US: New horizons for dispute resolution under pillar one’s Amount A
Mark Martin and Thomas Bettge of KPMG in the US describe the Amount A tax certainty process in the recently released pillar one blueprint and explore how it might work in practice.
On October 12, the OECD released its report on the pillar one blueprint, which was approved by the Inclusive Framework on BEPS and represents the latest stage in multilateral efforts to address the tax challenges of the digitalisation of the economy. While considerable technical work remains to be completed, and the deadline for political agreement on the blueprint – along with its counterpart under pillar two – has been pushed back to mid-2021, the blueprint offers many important and innovative proposals, not least in the area of tax certainty and dispute resolution.
The focus of the blueprint’s tax certainty chapter is the prevention and resolution of disputes regarding Amount A, which allocates taxing rights on a portion of in-scope companies’ profits to market jurisdictions. Amount A is intrinsically multilateral: for any given multinational enterprise (MNE), profits may be allocated away from several countries and spread among a large number of market jurisdictions. The work on dispute resolution for Amount B, which would provide a standardised return for baseline marketing and distribution activities, is considerably less developed; the blueprint simply states that mandatory binding dispute resolution would apply to an Amount B dispute once existing procedures were exhausted.
The blueprint provides that Amount A would be administered through a coordinated system, in which an MNE would file a self-assessment return and documentation package with its lead tax administration, which would proceed to share the return and documentation with all affected tax administrations through an exchange of information mechanism. In the absence of any election by the MNE, all affected tax administrations would then be free to audit the Amount A return. In many cases, sorting through any disputes that arise on a country-by-country basis, or by invoking bilateral treaty relationships where they exist, could prove unworkable.

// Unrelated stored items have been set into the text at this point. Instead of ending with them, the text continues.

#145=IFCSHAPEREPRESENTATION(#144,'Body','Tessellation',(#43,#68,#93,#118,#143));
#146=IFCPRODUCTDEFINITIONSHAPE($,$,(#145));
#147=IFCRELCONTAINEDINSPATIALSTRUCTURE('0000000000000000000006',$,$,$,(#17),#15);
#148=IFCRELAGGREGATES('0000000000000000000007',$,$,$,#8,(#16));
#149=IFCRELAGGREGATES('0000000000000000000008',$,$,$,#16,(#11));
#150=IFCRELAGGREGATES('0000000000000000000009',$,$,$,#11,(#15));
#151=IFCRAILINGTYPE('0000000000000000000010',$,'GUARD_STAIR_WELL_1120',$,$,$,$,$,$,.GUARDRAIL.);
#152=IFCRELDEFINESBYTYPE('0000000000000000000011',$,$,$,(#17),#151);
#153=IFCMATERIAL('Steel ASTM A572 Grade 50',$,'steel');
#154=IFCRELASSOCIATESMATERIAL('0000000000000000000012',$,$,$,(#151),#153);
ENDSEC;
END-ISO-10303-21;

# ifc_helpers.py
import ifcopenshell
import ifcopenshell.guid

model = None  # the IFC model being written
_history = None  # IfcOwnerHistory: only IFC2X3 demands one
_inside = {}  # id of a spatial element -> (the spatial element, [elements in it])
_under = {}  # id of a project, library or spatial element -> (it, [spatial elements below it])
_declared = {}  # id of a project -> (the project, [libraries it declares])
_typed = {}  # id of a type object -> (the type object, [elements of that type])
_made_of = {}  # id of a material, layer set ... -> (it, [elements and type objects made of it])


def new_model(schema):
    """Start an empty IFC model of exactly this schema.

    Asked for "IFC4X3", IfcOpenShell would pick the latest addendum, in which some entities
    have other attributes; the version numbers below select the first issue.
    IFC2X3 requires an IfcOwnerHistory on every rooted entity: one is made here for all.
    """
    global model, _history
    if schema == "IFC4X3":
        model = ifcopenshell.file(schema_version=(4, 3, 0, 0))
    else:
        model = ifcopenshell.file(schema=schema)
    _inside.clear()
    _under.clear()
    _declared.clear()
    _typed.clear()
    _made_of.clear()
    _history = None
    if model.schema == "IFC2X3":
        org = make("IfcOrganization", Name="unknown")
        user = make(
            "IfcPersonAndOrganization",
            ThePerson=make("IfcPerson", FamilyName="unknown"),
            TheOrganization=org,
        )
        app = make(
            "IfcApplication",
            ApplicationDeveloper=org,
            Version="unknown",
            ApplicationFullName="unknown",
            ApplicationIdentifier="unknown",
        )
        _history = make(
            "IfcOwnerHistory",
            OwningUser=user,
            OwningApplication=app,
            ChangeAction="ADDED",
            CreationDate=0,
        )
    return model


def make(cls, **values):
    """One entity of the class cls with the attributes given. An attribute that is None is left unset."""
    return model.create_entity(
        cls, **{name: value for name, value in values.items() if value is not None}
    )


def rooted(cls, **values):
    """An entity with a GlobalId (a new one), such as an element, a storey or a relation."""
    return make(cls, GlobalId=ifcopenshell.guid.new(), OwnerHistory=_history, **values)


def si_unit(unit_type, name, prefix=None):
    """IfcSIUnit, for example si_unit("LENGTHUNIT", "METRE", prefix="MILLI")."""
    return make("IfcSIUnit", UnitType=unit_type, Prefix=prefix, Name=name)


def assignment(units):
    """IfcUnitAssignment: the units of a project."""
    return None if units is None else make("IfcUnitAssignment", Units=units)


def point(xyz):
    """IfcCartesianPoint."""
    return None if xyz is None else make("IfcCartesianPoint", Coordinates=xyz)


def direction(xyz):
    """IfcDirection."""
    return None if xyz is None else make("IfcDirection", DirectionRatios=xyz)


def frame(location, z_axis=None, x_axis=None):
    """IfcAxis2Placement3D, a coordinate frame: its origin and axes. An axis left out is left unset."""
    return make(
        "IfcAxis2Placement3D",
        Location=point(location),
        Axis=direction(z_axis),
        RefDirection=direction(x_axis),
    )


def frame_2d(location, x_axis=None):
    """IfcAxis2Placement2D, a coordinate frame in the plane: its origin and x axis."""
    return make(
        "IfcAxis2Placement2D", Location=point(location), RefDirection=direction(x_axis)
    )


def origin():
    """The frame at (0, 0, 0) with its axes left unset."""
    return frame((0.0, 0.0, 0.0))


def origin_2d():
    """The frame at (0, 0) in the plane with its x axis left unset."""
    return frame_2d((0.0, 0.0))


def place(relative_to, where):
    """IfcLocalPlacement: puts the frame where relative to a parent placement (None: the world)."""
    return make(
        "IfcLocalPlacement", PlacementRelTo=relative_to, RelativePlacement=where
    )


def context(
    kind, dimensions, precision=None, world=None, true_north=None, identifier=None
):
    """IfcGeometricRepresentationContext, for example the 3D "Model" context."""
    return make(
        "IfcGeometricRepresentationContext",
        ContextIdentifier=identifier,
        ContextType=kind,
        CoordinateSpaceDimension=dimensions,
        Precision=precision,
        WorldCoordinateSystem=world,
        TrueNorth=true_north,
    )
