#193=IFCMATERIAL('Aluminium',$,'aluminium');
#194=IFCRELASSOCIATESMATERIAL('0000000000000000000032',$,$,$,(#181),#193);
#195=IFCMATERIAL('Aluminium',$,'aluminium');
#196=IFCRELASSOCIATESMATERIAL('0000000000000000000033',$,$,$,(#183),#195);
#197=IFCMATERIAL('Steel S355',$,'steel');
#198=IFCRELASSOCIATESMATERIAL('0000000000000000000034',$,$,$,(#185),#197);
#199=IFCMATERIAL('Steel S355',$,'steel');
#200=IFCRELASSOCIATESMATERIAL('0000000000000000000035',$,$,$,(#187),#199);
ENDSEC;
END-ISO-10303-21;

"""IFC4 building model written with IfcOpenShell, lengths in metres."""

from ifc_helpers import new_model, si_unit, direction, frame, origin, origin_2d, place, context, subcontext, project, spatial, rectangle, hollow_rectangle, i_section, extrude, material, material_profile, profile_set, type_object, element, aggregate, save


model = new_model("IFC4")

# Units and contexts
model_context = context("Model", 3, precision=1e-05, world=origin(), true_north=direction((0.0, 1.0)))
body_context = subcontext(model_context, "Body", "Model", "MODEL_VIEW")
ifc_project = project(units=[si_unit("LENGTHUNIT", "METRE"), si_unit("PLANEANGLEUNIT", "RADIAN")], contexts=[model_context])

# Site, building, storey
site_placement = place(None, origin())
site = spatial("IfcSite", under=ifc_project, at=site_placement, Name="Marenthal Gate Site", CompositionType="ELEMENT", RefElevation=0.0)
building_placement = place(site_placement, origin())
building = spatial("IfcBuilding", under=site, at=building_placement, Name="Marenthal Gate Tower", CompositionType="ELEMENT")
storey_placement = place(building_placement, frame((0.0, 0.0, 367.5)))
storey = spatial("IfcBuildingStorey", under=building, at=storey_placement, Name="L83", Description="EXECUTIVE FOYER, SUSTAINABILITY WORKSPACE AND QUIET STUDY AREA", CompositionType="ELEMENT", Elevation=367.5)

To avoid individual audits, MNEs could opt into an early certainty process under the blueprint. This involves three key stages: an optional initial review by the lead tax administration, review by an advisory review panel comprised of affected tax administrations, and a quasi-arbitral proceeding by a determination panel using a last best offer approach. Disputes could be resolved at any stage, but the inclusion of the determination panel ensures that mandatory binding dispute resolution provides a backstop to the process.

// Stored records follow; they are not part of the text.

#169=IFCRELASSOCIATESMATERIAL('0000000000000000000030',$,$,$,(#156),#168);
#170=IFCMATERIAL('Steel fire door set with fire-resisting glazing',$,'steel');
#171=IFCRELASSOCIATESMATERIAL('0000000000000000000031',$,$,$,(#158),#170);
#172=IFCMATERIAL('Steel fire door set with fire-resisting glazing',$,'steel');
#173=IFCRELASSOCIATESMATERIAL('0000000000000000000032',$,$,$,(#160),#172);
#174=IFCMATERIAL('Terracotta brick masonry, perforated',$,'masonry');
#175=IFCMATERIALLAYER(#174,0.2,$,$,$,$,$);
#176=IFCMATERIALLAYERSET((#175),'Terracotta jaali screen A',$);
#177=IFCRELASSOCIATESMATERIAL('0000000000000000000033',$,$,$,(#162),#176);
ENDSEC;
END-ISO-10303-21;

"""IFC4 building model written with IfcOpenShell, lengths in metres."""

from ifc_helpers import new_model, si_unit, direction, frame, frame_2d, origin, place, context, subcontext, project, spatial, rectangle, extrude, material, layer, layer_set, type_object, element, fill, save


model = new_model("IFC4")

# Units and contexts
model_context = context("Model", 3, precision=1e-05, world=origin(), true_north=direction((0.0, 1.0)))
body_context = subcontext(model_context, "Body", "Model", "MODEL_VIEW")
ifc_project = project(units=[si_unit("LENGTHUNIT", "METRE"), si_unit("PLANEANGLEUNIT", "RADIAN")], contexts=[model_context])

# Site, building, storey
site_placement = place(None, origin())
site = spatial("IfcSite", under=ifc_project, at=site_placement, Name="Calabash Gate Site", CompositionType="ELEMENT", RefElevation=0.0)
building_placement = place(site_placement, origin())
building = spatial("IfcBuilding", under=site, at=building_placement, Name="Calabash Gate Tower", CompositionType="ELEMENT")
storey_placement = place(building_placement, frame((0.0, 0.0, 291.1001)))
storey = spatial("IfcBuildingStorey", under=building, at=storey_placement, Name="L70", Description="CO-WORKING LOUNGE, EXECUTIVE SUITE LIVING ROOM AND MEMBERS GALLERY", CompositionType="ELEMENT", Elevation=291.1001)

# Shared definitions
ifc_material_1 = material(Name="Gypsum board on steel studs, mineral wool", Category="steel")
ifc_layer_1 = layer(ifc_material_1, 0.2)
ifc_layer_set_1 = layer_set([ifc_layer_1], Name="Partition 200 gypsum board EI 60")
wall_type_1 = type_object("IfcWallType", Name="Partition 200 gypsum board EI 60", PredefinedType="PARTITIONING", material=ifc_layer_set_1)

The two-tiered panel process appears intended to address the concerns of developing countries and other stakeholders regarding the use of mandatory binding arbitration. By interposing an advisory review panel comprised of a subset of the tax administrations themselves before a case is sent to the determination panel, the Amount A tax certainty process increases the likelihood that consensus may be reached without the need for an outside decision maker. While the composition of the determination panel remains to be determined, the suggestion that current or former tax officials may serve as panellists also appears likely to address some tax administrations’ concerns.
By and large, the complexities baked into the process are likely necessary in view of the technical and political challenges associated with designing an appropriate tax certainty process for Amount A. Yet the success of the system will probably ultimately depend not on these intricacies, but on MNEs’ and tax administrations’ ability to avoid them in a significant volume of cases.

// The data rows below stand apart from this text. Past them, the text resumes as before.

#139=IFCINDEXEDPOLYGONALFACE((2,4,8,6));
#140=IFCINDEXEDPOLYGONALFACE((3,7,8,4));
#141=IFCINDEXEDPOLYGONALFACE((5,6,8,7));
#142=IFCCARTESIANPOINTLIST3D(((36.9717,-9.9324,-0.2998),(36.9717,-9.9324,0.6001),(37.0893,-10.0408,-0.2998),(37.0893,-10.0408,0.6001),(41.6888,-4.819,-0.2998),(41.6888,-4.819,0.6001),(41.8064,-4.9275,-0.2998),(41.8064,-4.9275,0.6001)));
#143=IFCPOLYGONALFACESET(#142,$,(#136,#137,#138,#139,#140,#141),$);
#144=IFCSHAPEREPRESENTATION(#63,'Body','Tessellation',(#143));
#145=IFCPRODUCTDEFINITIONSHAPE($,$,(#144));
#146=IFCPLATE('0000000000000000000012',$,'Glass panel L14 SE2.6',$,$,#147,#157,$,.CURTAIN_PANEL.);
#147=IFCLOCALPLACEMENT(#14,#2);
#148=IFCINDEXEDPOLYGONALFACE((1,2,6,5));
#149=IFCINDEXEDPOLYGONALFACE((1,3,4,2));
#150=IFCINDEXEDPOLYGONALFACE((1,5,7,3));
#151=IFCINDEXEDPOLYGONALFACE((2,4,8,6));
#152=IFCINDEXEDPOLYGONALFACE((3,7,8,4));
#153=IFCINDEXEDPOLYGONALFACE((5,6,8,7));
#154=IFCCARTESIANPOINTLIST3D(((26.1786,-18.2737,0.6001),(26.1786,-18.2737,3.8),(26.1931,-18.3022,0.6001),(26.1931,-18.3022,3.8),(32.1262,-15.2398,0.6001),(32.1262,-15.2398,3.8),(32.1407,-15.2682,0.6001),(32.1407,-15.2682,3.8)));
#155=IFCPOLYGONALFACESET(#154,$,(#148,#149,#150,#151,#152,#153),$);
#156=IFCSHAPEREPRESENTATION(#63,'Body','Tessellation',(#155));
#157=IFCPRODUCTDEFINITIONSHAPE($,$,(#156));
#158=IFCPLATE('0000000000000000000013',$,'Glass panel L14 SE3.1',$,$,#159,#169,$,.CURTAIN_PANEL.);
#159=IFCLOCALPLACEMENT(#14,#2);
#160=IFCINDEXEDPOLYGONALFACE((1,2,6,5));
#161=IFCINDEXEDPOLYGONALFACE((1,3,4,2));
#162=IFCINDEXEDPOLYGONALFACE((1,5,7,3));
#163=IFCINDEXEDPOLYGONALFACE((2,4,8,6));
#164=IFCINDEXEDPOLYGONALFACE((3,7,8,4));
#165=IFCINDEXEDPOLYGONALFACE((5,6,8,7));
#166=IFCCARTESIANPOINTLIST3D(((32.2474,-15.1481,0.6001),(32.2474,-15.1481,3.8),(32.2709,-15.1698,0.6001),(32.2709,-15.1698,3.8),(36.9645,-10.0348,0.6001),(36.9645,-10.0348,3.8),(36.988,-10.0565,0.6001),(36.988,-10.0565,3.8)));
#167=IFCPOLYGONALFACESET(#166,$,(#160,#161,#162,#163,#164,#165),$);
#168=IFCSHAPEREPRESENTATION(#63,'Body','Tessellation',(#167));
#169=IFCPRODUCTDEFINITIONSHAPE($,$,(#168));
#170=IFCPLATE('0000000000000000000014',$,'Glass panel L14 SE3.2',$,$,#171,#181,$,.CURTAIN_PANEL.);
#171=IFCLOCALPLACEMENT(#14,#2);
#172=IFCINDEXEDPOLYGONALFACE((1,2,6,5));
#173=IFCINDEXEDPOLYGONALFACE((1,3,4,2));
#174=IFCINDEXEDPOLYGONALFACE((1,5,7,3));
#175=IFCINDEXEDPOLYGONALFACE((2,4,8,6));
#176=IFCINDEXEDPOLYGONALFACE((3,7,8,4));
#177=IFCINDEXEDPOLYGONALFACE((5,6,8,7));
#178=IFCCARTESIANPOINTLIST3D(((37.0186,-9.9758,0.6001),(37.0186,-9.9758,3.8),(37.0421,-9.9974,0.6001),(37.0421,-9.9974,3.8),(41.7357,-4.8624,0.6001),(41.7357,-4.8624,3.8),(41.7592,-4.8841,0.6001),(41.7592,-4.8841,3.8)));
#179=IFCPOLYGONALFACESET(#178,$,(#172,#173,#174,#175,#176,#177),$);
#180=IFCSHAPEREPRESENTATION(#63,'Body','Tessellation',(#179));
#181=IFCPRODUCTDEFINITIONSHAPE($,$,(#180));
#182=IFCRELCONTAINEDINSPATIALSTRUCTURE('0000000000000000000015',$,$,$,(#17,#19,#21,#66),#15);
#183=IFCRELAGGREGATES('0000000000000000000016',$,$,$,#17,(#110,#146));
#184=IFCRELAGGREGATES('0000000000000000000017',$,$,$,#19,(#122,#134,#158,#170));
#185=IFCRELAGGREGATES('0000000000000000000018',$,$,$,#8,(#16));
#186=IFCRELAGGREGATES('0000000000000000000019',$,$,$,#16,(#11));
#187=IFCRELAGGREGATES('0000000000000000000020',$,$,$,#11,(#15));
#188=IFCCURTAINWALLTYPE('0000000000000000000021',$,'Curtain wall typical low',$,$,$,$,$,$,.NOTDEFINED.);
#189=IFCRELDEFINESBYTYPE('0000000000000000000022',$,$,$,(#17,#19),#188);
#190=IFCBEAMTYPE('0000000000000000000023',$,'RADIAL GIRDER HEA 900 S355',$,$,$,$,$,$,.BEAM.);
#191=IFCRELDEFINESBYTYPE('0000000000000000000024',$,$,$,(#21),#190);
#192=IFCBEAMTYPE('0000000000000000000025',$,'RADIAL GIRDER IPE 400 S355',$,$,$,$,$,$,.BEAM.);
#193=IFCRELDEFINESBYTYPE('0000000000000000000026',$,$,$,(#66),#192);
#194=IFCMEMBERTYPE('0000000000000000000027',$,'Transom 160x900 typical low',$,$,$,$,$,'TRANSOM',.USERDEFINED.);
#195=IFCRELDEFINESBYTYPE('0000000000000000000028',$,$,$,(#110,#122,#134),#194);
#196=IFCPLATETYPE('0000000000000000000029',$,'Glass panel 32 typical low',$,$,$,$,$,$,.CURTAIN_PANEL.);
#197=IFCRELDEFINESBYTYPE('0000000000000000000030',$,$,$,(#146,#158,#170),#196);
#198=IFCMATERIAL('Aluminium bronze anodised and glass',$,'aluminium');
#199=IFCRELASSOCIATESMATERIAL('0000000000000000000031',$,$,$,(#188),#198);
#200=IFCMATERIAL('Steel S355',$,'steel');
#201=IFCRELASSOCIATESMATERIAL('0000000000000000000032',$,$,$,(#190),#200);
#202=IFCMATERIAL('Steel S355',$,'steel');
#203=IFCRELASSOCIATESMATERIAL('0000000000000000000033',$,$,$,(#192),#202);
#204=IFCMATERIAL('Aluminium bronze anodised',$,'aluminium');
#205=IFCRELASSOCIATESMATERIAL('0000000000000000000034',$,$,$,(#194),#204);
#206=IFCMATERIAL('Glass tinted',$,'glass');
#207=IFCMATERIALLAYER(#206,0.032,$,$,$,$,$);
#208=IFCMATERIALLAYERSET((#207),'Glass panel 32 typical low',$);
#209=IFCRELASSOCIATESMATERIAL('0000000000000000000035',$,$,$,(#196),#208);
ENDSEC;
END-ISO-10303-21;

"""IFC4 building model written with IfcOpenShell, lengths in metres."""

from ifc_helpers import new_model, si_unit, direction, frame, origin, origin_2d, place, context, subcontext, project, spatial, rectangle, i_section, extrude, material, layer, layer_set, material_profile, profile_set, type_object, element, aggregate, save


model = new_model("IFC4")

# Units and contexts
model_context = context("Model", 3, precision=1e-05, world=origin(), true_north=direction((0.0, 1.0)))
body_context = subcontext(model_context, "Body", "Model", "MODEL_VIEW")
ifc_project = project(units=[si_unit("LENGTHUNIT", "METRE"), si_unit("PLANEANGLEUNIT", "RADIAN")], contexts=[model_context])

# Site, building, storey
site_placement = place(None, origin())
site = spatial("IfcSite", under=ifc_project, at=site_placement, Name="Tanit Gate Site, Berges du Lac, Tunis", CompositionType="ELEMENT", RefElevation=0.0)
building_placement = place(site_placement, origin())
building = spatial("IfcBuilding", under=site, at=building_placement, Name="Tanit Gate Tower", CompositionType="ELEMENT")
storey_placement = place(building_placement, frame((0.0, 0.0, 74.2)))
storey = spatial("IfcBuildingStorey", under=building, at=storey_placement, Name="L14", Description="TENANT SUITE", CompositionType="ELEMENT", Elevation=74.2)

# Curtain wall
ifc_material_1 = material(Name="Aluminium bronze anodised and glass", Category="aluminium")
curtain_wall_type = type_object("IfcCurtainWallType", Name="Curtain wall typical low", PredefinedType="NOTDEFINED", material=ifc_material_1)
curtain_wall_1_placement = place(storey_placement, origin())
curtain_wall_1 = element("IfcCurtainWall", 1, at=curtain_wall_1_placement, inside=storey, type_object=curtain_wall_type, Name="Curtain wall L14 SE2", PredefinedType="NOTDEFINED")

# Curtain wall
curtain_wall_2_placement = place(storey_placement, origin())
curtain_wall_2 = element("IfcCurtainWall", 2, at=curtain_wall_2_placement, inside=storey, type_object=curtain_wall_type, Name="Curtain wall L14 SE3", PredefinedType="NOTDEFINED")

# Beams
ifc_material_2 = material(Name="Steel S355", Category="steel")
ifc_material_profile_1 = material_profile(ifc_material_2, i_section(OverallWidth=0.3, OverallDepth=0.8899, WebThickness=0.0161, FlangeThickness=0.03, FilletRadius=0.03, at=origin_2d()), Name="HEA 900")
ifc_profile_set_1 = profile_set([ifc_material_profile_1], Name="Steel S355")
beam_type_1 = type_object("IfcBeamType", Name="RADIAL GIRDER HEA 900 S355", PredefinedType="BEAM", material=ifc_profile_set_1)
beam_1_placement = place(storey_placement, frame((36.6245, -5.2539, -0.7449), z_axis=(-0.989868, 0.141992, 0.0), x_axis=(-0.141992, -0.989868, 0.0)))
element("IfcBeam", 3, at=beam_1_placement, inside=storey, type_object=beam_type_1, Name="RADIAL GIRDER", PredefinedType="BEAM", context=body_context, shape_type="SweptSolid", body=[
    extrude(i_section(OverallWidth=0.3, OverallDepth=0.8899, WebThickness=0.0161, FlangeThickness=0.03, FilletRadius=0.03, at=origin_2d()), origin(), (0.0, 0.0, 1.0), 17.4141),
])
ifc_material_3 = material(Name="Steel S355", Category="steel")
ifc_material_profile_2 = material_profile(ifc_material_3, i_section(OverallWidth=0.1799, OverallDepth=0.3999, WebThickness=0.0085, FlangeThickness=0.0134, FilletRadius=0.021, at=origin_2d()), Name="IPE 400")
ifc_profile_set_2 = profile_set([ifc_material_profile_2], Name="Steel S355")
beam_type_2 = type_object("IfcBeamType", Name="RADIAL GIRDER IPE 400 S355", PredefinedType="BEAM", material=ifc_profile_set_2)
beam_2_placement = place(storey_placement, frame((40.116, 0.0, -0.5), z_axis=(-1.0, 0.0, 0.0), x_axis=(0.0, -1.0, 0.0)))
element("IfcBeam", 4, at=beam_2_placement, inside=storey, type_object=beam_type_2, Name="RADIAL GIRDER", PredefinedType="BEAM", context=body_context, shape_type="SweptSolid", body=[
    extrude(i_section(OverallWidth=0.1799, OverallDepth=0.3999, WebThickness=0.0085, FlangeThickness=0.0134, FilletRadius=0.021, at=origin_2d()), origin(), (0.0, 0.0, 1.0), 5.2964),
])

This, in turn, requires that all participants approach Amount A early certainty cases with a cooperative attitude: MNEs should be prepared to make frank and timely disclosures, and tax administrations should be willing to accept the work and recommendations of their colleagues in other countries except where they have serious concerns. Given the levels of investment required by the tax administrations in panel cases, as well as the time required to conclude such cases, the optional initial review by the lead tax administration appears likely to be key to efficiently resolving lower risk cases, but that will only work if other tax administrations are willing to accept the lead tax administration’s recommendations.
The Amount A tax certainty process is not perfect. More work is needed in some areas, particularly around timing. But it does offer up a new take on dispute resolution that, if approached by tax administrations and MNEs alike with the right spirit, could provide a workable and much-needed structure for handling multilateral controversies, which could have ramifications beyond the confines of Amount A.